Philip S. Yu receives Test of Time Award

Philip Yu

Distinguished and Wexler Chair Professor Philip S. Yu and his coauthors received the Very Large Data Bases Endowment Inc. (VLDB) 2022 Test of Time award, for their 2011 paper that has proven to be the most influential and important paper of that year. The paper’s citation index is 1587.

The paper, “PathSim: Meta Path-Based Top-K Similarity Search in Heterogeneous Information Networks,” was authored by Yu, Yizhou Sun, Jiawei Han, Xifeng Yan, and Tianyi Wu.

“In my opinion, Test of Time awards are extremely important awards,” said Robert Sloan, professor and computer science department head. It’s one thing to win a best paper award when you publish a paper. That means people think it’s very good work. But when you win a Test of Time award 10 or 15 years after you publish a paper, that means that people now know your paper is really good, and really influential work.”

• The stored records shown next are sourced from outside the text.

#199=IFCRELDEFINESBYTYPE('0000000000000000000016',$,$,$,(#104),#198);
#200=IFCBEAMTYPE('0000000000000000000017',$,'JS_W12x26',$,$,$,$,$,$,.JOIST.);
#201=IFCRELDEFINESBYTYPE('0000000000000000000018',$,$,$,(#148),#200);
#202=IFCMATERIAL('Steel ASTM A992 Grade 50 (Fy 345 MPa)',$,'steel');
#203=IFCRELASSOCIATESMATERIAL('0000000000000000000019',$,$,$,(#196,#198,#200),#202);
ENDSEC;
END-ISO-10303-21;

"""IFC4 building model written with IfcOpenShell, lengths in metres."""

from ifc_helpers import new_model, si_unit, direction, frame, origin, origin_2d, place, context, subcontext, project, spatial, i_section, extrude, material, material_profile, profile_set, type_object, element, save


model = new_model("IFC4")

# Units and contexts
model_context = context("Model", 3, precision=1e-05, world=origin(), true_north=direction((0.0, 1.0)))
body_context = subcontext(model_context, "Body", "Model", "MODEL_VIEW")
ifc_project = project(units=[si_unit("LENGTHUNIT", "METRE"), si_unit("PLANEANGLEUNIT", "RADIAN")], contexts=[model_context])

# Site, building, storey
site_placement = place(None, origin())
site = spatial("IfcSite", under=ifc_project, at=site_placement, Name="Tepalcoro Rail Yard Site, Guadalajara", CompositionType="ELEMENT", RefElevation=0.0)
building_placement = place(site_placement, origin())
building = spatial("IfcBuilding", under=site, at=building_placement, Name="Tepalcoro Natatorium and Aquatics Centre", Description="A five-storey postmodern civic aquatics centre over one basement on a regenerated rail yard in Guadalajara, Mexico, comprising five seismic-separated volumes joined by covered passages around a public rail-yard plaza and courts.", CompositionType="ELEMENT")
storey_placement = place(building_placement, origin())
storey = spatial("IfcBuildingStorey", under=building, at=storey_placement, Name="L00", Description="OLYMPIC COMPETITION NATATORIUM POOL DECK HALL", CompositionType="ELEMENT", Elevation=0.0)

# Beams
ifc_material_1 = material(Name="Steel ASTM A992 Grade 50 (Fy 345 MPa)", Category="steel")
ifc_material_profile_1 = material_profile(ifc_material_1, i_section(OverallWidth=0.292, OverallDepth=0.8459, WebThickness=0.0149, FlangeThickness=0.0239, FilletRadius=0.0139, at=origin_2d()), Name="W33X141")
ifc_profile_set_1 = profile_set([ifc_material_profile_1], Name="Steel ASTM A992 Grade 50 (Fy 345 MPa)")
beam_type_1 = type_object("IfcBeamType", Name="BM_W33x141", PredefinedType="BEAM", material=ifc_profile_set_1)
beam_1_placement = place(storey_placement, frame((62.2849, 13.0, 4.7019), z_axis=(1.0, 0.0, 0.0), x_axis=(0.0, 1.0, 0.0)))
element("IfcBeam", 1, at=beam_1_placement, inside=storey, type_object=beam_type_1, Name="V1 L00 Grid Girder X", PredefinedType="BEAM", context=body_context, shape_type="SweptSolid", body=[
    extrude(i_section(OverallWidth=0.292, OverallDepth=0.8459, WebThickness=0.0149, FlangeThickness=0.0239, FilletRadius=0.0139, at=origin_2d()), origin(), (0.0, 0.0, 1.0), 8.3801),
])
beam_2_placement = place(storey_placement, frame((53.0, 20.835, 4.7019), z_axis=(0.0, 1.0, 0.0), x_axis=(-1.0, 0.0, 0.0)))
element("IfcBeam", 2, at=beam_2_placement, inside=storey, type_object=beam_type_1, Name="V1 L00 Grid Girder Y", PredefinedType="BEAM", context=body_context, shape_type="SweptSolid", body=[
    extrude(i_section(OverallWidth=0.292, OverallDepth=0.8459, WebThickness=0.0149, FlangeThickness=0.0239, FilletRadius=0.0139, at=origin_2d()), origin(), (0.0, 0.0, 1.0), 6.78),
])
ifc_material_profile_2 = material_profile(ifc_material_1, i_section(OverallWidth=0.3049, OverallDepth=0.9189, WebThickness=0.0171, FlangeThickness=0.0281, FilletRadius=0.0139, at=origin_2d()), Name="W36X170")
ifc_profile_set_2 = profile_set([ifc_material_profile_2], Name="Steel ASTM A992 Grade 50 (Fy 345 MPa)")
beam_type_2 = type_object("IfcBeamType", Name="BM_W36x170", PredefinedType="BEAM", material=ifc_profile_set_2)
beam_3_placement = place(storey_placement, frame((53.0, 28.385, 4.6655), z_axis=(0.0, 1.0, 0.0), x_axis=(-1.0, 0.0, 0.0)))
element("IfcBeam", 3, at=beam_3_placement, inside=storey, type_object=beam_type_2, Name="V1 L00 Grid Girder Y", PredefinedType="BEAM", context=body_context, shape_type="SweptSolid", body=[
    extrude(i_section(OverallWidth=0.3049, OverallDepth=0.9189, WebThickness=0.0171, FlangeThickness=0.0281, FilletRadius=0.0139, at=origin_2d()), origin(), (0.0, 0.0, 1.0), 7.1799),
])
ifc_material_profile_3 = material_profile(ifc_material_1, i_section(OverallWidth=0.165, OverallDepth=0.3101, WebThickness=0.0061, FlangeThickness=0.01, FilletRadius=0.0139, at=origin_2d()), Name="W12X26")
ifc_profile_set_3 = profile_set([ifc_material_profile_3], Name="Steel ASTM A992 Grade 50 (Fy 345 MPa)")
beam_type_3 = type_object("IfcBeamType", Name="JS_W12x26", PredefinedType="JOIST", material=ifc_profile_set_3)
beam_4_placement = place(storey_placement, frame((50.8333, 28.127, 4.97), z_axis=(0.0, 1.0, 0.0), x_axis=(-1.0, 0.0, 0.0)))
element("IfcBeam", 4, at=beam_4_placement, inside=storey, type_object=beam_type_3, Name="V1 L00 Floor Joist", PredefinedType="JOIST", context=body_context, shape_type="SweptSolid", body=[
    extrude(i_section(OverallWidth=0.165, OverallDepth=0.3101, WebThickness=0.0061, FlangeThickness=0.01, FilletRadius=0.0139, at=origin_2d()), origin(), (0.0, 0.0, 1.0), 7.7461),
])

The paper involves similarity search, a primitive operation in databases and web search engines. There are many diverse information networks, such as webpages interconnected through hyperlinks, social networks such as Facebook, and bibliographic networks. While two objects may be linked by many paths in the network, most previously existing similarity measures were designed for homogenous networks, and cannot be applied to heterogeneous networks, as different semantic meanings behind the paths were not taken into consideration.

The authors introduced the concept of meta-path-based similarity, defining a meta path as a path consisting of sequence relations defined by different object types.

“No matter whether a user would like to explicitly specify a path combination given sufficient domain knowledge, or choose the best path by experimental trials, or simply provide training examples to learn it, meta path forms a common base for a network-based similarity search engine,” the authors explained in the paper.

They designed a novel similarity measure, PathSim, that finds peer objects in the network, such as finding authors in a similar field and with similar reputations. This tool was more adept at finding meaningful connections compared with random-walk-based similarity measures, which rely on the link path between any two patterns. To support fast online queries, Yu and his coauthors developed a solution that uses short meta paths, then concentrates them to compute the top-K results, or best answers, eliminating irrelevant results.

“In short, all the world’s information networks consist of edges connecting multiple nodes, and before this paper, all the work in the area ignored differences concerning the types of the nodes and links,” Sloan said. “Analyzing computations about information propagation in a way that includes such type information leads to much better results. Today, this is simply the way the analysis is done for networks containing mixed types of nodes and edges.”